Tulus – Evil 1999 – Review


Evil 1999 (Hammerheart)
by Paul Lee

I love getting black metal that’s sung in Norwegian. The lyrics could be completely inane, but I wouldn’t know it and I’m not about to buy a Norwegian dictionary, so I can focus on the music at hand. Tulus are obviously proud of their Nordic heritage and play raw, classic black metal with plenty of traditional metal influences. Their sound ranges from Mayhem to Satyricon to Darkthrone and even some Helmet, for Christ’s sakes! Also mixed into their stew are classic thrash and death metal flavors.

In their other incarnation, Tulus are the hired axes for fellow Norwegian Galder and his killer band, Old Man’s Child. Certainly Galder’s influence is felt on Evil 1999, but what makes Tulus so kick-ass is that they meld their influences by adding some novel twists. The bass player takes a very prominent part in the sound with a Helmet-like thud in the crunch of “Draug,” which also breaks down into a mellow, almost bluesy section. I love the guitar, drums, and keys in black metal, but thank God a bass player is getting to show his meddle in the metal. The song “Sjel” starts off with an almost jazzy riff, and pace that again smacks of Helmet. I’ve never heard a black metal track like it.
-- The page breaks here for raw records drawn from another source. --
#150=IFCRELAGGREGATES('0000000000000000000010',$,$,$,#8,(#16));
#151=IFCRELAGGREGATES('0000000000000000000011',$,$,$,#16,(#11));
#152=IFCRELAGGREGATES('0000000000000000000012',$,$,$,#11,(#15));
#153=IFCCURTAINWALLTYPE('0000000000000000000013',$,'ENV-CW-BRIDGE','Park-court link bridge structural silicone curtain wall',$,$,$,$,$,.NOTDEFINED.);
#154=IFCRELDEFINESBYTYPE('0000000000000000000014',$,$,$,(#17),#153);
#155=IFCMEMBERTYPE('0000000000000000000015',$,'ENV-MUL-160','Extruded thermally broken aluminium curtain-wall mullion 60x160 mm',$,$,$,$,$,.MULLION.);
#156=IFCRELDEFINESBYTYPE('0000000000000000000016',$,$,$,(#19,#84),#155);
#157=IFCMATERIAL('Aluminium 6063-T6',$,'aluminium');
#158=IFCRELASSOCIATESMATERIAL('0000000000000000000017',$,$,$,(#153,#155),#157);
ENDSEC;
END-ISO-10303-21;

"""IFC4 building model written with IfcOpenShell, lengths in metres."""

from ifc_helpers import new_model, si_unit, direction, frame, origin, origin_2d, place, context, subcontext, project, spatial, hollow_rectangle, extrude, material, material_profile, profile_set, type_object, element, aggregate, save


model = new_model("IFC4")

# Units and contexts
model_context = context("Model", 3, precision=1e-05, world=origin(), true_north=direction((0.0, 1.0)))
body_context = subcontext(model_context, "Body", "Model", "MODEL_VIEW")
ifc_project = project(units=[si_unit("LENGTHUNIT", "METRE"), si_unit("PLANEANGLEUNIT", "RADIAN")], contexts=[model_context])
Dissecting the elements of Tulus’ excellence is hard, but it must be their unique approach and pure passion for black metal that elevates them to a higher plane. Evil 1999 is, by far, one of the most deadly releases to come out of Norway this year, and one of my favorites. According to the bio, Tulus has released another CD on Hot Records (owned by one of the guys in Dimmu Borgir). You must have this disc if you truly hunger for black or any sort of European dark metal.